Criticism from the African American community


Another criticism came from doctor Yaba Blay, Dan Blue endowed chair in political Science at North Carolina Central University who researches skin color and identity politics. Being a dark-skinned African American from New Orleans, she was disappointed in the fact that a Black woman like Beyoncé would make a distinction between “Negro” and “Creole”. Creoles descend from a mixture of African, French, Spanish and/or Native American people and tend to distinguish themselves racially from “regular Negroes” by putting forward their whiteness.

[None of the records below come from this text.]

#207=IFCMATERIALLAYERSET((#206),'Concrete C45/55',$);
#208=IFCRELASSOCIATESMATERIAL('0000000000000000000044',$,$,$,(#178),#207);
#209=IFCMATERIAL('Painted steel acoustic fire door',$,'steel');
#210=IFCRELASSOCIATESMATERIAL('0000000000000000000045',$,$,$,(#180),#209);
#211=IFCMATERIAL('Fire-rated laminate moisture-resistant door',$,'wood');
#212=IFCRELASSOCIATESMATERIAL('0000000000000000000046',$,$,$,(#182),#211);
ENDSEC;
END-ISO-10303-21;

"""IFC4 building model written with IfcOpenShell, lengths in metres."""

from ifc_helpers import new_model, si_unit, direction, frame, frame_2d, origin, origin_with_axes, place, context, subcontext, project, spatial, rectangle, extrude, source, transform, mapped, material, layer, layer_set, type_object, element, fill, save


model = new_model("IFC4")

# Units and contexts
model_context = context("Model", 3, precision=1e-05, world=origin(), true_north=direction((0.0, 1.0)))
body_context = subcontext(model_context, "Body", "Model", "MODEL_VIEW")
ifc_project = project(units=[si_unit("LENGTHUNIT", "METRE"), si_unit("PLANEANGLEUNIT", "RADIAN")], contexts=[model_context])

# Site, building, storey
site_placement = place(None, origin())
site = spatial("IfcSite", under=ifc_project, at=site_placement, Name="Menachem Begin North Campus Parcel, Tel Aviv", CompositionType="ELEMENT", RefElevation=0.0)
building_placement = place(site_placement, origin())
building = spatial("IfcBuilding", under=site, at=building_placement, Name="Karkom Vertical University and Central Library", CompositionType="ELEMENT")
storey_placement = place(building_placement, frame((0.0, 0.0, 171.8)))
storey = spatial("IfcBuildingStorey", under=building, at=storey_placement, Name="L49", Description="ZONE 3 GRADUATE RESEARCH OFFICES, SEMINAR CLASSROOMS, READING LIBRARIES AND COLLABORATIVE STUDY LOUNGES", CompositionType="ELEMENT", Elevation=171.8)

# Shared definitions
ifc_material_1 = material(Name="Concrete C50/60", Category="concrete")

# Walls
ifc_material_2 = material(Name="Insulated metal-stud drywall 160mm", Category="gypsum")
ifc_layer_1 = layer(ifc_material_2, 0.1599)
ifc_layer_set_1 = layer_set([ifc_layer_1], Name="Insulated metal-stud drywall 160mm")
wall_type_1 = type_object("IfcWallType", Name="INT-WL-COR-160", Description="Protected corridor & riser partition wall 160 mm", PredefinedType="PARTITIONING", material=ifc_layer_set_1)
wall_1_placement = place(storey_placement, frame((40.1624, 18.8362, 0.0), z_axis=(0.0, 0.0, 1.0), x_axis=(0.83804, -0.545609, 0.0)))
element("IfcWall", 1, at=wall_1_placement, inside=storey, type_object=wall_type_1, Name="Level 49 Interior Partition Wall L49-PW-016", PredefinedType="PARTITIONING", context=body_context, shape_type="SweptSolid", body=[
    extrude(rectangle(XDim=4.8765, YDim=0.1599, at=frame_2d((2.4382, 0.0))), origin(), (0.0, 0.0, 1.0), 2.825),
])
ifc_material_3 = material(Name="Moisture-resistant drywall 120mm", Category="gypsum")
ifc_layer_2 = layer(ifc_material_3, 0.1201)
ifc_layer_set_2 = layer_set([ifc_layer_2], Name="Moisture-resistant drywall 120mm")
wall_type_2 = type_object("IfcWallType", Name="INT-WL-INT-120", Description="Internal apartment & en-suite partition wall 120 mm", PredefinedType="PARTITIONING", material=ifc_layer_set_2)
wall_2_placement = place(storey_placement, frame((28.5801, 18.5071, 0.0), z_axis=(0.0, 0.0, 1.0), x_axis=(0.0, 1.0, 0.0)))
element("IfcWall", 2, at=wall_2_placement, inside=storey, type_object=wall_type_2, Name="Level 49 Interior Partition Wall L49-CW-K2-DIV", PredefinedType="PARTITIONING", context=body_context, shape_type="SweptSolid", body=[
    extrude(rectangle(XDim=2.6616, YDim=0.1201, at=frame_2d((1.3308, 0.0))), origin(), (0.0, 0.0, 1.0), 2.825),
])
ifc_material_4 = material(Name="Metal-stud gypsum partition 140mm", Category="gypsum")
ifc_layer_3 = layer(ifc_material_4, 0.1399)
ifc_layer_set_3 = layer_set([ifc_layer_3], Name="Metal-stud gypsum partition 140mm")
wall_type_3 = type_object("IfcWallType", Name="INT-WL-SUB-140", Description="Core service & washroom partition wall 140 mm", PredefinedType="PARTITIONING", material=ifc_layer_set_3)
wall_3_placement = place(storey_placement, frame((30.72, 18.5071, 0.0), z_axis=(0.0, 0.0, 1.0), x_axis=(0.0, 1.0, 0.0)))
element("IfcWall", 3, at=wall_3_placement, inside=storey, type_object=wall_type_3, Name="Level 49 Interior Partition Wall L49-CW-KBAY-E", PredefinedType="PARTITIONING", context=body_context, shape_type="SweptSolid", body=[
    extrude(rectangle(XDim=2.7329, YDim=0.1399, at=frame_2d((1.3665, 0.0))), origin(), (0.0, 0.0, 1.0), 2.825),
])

Ayanna Legros, born to Haitian parents and graduate student in Africana Studies at New York University, is well aware of this problematic aspect of Beyoncé's video. She also acknowledges the fact that Beyoncé had to “sell out” first in order to acquire such a platform from which to speak: “It's a sad truth, but many black folks have to sell out before getting to a place and space where they can actually say what is on their mind. It happens in the music industry, sports industry, and even academia.” Beyoncé herself seems to be denouncing this when she sings “I see it, I want it, I stunt, yellow-bone it” (yellow-bone being the lightest type of light skinned black female).


Still, she welcomes this video: “Whether or not you like it, Beyoncé got America talking about Katrina, artistry, ‪Black Lives Matter‬, black identity, etc in less than 24 hours. She started the conversation. I have realized that nothing anyone will ever do will please everyone. But it's about starting the conversation. Period.” Just like Beyoncé says herself at the end of her song: “You know you('re) that b**** when you cause all this conversation; Always stay gracious, best revenge is your paper”.


This article was written as a university assignment.